Compare price by clarity.

ggplot(dd, aes(y = price)) + geom_boxplot(notch = TRUE, aes(x = clarity))

plot of chunk unnamed-chunk-1

Hmmm. IF is the finest (of the grades in the data), I1 the least fine. [wikipedia][http://en.wikipedia.org/wiki/Diamond_clarity] confirms. Yet median prices seem to vary in opposite way: IF is loest, I1 nearly the highest.

Hah! Normalize by price per carat!

ggplot(dd, aes(y = price/carat)) + geom_boxplot(notch = TRUE, aes(x = clarity)) + 
    ylab("price / carat")

plot of chunk unnamed-chunk-2

Something sensible coming into focus. At least the high outlier values make sense: highest prices for finest clarity. But the median values don't seem to vary much, and, if anything, there's still an anti-trend in the medians for SI2 to VVS1. Try zooming in.

ggplot(dd, aes(y = price/carat)) + geom_boxplot(notch = TRUE, aes(x = clarity)) + 
    ylab("price / carat") + coord_cartesian(ylim = c(2000, 6000))

plot of chunk unnamed-chunk-3

Yep, still a mess. What's going on here? Maybe people don't really care much about clarity except for very good and very bad grades? (bottom of the notch for IF is above the top of the notch for I1, so it is “significantly” higher).

Hmmm, do any of the factors map nicely to value?

ggplot(dd, aes(y = price/carat)) + geom_boxplot(notch = TRUE, aes(x = color)) + 
    ylab("price / carat") + coord_cartesian(ylim = c(2000, 6000))

plot of chunk unnamed-chunk-4

Color does not seem to explain price

ggplot(dd, aes(y = price/carat)) + geom_boxplot(notch = TRUE, aes(x = cut)) + 
    ylab("price / carat") + coord_cartesian(ylim = c(2000, 6000))

plot of chunk unnamed-chunk-5

Nor does cut.

Does weight?

ggplot(dd, aes(y = price, x = carat)) + geom_point(alpha = 0.5)

plot of chunk unnamed-chunk-6

Not obviously by itself.
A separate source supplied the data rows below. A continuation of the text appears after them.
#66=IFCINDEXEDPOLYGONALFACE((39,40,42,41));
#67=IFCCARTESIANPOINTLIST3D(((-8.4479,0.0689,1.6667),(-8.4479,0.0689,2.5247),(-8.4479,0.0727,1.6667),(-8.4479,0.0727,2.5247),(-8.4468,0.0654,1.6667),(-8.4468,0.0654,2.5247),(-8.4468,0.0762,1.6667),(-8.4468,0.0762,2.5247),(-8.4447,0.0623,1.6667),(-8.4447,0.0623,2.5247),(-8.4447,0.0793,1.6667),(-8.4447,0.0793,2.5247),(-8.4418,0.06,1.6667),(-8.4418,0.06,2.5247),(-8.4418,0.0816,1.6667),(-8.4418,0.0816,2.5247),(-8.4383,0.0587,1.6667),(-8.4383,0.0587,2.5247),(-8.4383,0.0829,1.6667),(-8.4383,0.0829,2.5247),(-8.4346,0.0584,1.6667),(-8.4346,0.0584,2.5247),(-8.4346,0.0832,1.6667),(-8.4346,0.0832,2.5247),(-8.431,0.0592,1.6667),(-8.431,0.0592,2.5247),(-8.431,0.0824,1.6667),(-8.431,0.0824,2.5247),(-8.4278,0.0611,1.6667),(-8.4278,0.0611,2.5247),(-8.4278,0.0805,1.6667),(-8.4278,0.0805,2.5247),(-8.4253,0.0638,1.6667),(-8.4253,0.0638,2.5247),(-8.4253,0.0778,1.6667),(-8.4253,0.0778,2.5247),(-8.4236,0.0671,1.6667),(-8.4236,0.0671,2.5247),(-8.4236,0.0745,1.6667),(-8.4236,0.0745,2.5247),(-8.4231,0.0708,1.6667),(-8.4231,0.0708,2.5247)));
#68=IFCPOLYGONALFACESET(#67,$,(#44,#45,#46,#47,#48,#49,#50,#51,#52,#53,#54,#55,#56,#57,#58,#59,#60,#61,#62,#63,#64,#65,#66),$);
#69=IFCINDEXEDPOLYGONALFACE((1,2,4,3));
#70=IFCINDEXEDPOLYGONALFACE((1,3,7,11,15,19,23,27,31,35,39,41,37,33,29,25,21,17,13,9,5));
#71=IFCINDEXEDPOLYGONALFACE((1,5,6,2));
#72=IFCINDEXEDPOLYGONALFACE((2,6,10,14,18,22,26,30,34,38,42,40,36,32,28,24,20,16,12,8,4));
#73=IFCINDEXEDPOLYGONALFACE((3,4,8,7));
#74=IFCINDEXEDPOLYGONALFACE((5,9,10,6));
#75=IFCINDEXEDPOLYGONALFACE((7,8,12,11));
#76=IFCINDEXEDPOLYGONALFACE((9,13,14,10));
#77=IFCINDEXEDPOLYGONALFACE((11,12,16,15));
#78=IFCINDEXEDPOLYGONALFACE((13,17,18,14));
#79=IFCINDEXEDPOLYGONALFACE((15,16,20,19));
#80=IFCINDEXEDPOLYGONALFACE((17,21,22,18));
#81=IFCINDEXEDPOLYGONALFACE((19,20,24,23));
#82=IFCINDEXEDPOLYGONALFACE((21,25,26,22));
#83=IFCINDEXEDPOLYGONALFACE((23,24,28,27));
For a given weight (e.g, 1.5 carat), there's a very wide range of prices.

But, look what we see by overlaying one of the factors with the weight!

ggplot(dd, aes(y = price, x = carat, color = cut)) + geom_point(alpha = 0.5)
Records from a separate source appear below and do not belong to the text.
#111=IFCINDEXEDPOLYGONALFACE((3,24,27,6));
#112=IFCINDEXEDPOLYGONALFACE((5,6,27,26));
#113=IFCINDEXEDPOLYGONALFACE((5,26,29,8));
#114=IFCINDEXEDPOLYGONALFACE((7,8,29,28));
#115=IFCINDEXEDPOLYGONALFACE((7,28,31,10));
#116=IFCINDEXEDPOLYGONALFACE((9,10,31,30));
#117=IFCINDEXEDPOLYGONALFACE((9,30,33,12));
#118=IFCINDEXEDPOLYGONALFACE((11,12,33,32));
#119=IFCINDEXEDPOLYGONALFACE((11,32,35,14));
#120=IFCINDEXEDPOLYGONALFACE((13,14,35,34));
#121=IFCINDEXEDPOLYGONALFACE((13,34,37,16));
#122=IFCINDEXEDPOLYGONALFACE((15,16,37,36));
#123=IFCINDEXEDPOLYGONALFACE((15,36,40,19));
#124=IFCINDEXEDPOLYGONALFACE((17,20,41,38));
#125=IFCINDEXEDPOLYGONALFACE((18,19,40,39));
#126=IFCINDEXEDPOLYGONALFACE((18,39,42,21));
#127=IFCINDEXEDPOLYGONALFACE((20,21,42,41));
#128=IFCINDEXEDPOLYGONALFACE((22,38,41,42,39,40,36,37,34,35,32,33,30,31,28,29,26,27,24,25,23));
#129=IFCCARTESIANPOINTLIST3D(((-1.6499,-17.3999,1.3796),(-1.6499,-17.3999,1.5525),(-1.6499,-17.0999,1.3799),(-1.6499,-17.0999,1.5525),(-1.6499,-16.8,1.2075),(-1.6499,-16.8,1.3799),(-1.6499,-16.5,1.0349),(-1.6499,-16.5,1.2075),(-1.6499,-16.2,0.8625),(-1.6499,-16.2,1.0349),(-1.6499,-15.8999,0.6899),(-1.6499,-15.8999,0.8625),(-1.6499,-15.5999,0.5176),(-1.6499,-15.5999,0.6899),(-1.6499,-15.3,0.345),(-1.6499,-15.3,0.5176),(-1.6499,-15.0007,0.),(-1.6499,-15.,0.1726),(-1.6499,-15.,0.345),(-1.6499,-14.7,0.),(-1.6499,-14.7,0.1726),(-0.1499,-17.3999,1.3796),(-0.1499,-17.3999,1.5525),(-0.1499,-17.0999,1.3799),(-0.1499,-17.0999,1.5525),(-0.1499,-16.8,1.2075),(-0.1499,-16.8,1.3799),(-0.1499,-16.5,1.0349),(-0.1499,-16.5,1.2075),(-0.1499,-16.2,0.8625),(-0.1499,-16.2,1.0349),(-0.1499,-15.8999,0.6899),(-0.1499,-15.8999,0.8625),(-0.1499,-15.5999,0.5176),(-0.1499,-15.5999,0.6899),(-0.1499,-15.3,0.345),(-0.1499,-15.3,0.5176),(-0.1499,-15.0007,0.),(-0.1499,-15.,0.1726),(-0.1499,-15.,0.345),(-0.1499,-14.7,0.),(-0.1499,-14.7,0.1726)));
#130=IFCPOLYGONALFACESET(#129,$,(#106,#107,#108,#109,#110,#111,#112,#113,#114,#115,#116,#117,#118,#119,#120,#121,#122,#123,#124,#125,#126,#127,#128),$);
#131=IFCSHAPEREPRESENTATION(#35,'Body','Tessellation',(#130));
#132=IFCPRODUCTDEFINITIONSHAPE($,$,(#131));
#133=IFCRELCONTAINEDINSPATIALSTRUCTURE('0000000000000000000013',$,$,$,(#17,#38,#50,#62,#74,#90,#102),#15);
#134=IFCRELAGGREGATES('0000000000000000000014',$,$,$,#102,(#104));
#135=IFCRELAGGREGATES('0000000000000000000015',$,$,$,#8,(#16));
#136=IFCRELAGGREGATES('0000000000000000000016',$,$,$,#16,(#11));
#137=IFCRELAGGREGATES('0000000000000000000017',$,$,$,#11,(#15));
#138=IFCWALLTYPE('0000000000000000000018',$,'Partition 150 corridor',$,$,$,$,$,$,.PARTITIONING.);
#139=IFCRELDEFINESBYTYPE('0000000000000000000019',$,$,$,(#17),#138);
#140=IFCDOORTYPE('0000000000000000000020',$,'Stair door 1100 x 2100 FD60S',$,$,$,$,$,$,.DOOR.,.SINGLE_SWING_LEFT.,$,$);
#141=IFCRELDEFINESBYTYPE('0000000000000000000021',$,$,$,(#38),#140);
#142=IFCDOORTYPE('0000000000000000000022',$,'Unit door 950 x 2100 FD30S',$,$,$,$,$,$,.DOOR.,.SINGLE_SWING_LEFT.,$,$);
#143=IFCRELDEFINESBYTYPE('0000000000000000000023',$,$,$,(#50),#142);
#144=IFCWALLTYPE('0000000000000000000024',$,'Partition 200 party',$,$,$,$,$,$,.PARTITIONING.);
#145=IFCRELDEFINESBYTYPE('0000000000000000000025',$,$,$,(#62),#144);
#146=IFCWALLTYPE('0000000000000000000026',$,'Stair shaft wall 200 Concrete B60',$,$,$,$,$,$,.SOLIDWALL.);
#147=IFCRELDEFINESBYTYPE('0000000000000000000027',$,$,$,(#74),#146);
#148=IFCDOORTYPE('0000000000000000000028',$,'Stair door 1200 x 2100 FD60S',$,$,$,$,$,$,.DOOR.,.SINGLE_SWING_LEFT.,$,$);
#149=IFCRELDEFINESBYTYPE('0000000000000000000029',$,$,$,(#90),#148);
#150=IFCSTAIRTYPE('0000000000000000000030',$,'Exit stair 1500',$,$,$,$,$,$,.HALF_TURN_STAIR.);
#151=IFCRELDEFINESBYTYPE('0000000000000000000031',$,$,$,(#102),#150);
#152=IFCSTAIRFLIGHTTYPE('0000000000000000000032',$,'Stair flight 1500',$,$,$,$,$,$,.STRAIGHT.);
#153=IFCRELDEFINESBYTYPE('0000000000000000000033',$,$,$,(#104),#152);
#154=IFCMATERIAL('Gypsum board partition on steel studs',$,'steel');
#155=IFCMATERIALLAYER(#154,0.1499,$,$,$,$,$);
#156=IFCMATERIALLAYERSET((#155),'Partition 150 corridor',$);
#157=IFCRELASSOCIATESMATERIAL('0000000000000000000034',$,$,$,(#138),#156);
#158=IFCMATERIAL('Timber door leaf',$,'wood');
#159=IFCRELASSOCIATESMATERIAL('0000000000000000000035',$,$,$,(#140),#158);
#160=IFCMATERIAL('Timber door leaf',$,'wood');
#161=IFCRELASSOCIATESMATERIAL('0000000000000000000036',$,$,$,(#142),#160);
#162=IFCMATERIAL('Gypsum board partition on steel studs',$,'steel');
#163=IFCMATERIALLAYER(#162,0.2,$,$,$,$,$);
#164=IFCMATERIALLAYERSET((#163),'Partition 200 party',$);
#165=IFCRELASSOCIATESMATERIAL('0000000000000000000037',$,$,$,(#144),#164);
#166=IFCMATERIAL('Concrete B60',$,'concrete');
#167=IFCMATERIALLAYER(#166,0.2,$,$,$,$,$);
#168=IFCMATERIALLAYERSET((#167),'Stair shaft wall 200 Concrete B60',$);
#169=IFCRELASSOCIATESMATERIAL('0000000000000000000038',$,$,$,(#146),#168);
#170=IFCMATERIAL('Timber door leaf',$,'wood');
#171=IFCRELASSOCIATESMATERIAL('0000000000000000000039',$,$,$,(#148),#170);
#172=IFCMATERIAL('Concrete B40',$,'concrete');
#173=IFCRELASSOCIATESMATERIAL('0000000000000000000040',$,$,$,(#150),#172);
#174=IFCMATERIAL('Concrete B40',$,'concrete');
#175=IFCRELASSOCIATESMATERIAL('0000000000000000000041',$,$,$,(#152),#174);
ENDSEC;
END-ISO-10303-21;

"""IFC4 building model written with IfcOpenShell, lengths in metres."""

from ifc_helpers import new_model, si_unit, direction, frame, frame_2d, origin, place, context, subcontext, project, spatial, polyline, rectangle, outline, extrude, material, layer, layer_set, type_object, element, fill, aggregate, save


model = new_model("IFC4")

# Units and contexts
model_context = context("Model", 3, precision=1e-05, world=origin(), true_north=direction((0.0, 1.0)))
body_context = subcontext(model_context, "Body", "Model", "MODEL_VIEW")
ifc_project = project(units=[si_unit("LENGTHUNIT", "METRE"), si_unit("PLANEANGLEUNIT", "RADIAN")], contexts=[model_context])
plot of chunk unnamed-chunk-7

Now we see something. For a given weight (again 1.5 carat), we now see the quality of the cut does drive the price higher.

Aha! Confirm this with a severly filtered box plot…

ggplot(subset(dd, dd$carat > 1.4 & dd$carat < 1.7), aes(y = price/carat)) + 
    geom_boxplot(notch = TRUE, aes(x = cut)) + ylab("price / carat")

plot of chunk unnamed-chunk-8

And finally, we see the expected trend toward higher prices with increasing quality of cut

ggplot(subset(dd, dd$carat > 1.4 & dd$carat < 1.7), aes(y = price/carat)) + 
    geom_boxplot(notch = TRUE, aes(x = color)) + ylab("price / carat")

plot of chunk unnamed-chunk-9

Interestingly, color in the range D-G doesn't matter much, but price falls off after that.

ggplot(subset(dd, dd$carat > 1.4 & dd$carat < 1.7), aes(y = price/carat)) + 
    geom_boxplot(notch = TRUE, aes(x = clarity)) + ylab("price / carat") + ggtitle("Price vs Clarity, weight between 1.4 and 1.7 carats")

plot of chunk unnamed-chunk-10

And clarity seems to make the most difference among color, cut and clarity. Q.E.D.